The parties are independent contractors. This Agreement does not create a partnership, franchise, joint venture, agency, fiduciary or employment relationship between the parties.
There are no third-party beneficiaries to this Agreement.
No failure or delay by either party in exercising any right under this Agreement shall constitute a waiver of that right.
If any provision of this Agreement is held by a court of competent jurisdiction to be contrary to law, the provision shall be modified by the court and interpreted so as best to accomplish the objectives of the original provision to the fullest extent permitted by law, and the remaining provisions of this Agreement shall remain in effect.
You may not assign any of its rights or obligations hereunder, whether by operation of law or otherwise, without Our prior written consent.

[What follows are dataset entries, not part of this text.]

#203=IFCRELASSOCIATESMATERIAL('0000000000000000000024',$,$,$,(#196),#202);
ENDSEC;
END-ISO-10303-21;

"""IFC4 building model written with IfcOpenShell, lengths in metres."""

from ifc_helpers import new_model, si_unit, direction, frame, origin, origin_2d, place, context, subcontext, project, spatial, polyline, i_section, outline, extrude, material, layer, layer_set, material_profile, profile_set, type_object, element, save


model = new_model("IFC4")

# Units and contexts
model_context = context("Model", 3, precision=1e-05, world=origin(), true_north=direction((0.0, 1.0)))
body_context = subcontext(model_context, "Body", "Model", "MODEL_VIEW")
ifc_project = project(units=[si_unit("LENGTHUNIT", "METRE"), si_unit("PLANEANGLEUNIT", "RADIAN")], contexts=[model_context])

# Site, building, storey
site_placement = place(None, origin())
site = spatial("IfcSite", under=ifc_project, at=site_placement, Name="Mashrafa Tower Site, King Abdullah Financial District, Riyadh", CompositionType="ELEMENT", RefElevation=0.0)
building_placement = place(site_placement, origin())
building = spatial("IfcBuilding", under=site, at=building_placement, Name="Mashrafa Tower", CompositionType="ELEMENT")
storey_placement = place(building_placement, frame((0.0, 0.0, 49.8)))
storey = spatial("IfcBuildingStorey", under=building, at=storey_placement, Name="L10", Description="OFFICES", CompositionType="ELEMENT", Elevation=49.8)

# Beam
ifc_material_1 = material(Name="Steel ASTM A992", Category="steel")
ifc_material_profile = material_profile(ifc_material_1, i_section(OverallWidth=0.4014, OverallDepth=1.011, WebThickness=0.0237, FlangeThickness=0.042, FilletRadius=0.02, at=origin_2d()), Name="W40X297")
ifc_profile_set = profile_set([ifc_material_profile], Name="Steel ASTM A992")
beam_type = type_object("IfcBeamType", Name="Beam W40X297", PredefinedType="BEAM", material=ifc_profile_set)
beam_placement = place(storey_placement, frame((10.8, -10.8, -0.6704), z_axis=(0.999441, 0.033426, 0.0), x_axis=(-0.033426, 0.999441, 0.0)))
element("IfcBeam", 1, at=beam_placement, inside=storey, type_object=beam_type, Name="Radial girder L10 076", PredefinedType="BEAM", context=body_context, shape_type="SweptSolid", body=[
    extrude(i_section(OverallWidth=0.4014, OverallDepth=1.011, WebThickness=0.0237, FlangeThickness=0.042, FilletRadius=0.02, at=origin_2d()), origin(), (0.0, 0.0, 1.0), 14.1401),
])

This Agreement, including all exhibits and addenda hereto and all Hiring Services Agreements, constitutes the entire agreement between the parties and supersedes all prior and contemporaneous agreements, proposals or representations, written or oral, concerning its subject matter. To the extent of any conflict or inconsistency between the provisions in the body of this Agreement and any Hiring Services Agreement, the terms of the Hiring Services Agreement shall prevail. Notwithstanding any language to the contrary therein, no terms or conditions stated in Your purchase order or other order documentation (excluding Hiring Services Agreements) shall be incorporated into or form any part of this Agreement, and all such terms or conditions shall be null and void.